U1L3: PDIP gold bond

  1. Select a Microchip PIC16C57/P (PDIP)
  2. Program with a counting test pattern
    1. Note: “OTP” device (can be UV erased after decap)
  3. Decap using procedure here
  4. Readback
    1. If applicable: verify no continuity errors
    2. Verify expected pattern

U1L4: PDIP copper bond

  1. Select a Microchip PIC16F558
  2. Program with a counting test pattern
  3. Decap using procedure here
  4. Readback
    1. If applicable: verify no continuity errors
    2. Verify expected pattern

Unit 2: UV attacks

U2L1: basic UV attack

  1. Select either of the following:
    • Microchip PIC16C57
      • May be easier as it directly reports security status
    • Intel 8751
    • If needed, look at the solution below and then use the other as practice
  2. If not already done so, decap the chip
  3. Quick security evaluation
    1. Program with all 0's and secure it
    2. UV erase the chip (30 min?)
    3. Verify that the chip is no longer secure and is filled with FF
      • This means the chip should be trivially UV attackable
  4. Put the die under a microscope (inspection is fine) and identify the EPROM and SRAM regions
    1. SRAM has a rougher texture
    2. EPROM has a smoother texture
  5. Use techniques from this page to only mask the EPROM area
    1. TODO: this page needs polishing / cleanup
  6. UV erase for 30 minutes
  7. Readback pattern
  8. Verify security fuse is clear
    1. If not, use acetone to clean mask and try again
  9. Verify pattern was not corrupted
    1. If it is, consider making the mask larger

Extra credit: no corruption

  1. Use a pattern of all 0's and secure the device
  2. Execute above attack
  3. Read back the device
  4. Verify device still shows all 0's

Extra credit: find the fuse

  1. Experiment with different masks outside of the EPROM area to narrow down the fuse location
  2. Alternatively, look at the fuse under a microscope

Solutions:

U2L2: angled UV attack

  1. Select either of the following:
    • Microchip PIC18F1320
      • Classic choice
    • Microchip PIC16C74
  2. Quick security evaluation
    1. Program with all 0's and secure it
    2. UV erase the chip for 60 min
    3. Observe chip status.

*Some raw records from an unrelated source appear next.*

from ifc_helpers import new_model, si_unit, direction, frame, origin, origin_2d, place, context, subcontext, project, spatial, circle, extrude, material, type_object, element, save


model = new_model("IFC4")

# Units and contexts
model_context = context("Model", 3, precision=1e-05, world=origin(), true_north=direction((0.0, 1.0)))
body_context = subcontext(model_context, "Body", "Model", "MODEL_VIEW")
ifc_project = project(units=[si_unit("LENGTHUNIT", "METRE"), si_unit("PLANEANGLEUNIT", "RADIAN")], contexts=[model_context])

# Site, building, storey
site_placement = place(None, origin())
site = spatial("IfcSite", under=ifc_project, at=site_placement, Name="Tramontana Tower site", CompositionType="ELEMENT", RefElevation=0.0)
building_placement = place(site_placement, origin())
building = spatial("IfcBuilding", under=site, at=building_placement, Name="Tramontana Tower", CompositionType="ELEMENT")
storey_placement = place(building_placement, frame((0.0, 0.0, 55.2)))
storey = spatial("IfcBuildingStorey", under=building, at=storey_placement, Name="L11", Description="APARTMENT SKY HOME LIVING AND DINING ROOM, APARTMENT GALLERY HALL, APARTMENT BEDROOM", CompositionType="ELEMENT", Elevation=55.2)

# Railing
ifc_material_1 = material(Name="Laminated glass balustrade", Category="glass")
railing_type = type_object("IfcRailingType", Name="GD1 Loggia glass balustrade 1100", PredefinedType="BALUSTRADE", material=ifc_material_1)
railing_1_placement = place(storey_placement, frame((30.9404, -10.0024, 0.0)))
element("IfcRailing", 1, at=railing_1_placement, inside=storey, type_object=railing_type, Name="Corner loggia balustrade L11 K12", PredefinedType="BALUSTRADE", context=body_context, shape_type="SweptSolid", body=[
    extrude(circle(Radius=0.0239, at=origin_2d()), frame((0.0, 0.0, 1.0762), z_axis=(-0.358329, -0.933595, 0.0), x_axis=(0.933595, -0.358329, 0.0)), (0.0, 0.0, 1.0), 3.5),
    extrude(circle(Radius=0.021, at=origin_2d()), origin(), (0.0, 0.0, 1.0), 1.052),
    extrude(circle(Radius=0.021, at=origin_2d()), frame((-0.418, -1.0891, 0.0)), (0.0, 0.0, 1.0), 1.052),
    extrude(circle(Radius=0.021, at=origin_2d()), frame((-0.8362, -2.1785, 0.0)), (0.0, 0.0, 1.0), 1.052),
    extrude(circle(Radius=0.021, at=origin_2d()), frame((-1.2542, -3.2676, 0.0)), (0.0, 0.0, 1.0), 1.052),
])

It should still be secure or maybe even bricked
  3. Place a chip at a 30 degree angle
  4. UV erase for 60 min
  5. Check security status
  6. If security fuse is not clear, try adjusting angle and re-erasing

Extra credit: dump the firmware

  1. Do above, but apply masks
  2. Verify no bits are erased despite erasing at an angle

Solutions:

U2L3: flash UV attack

TODO: what would be a good choice here?

Unit 3: optical glitching

U3L1: static glitch

  1. Select either of the following:
    • Microchip PIC16F84
    • Microchip 87C51I or 87C51FAD
    • PIC16F84 probably easier as 87C51 doesn't directly indicate protection status
  2. Select laser
    1. Green 5 mW laser pointer will likely work well
  3. Put programmer in a read loop
    1. Ex: using Linux minipro command line
  4. Shine randomly across the die and observe responses
    • You should see the read result get corrupted sometime
    • You will possibly see a firmware dump, but don't expect it
  5. Put programmer under microscope
  6. Aim laser pointer at exposed die using helping hands or similar
    • WARNING: do not look into microscope
    • Use a camera to observe laser
  7. Slowly move chip around (using hands or XY stage) and observe responses as you move it around
  8. Scan across the chip until you find a vulnerable area

Extra credit: automated XY scan

  1. Use a motorized XY scan to read out all chip locations and automatically find vulnerable locations
  2. Sample workflow using LinuxCNC

Solutions

U3L2: dynamic glitch

Unit 4: power glitching

Unit 5: microprobing

Start with basic probing in U3L1. Then find a way to remove passivation:

  • Use a microscope laser if you have one
  • Use chemical etching if you can

U3L1: pads

Probe pads / bond wires to get basic familiarity with your probe

TODO: is there a well known device we could activate a debug port on?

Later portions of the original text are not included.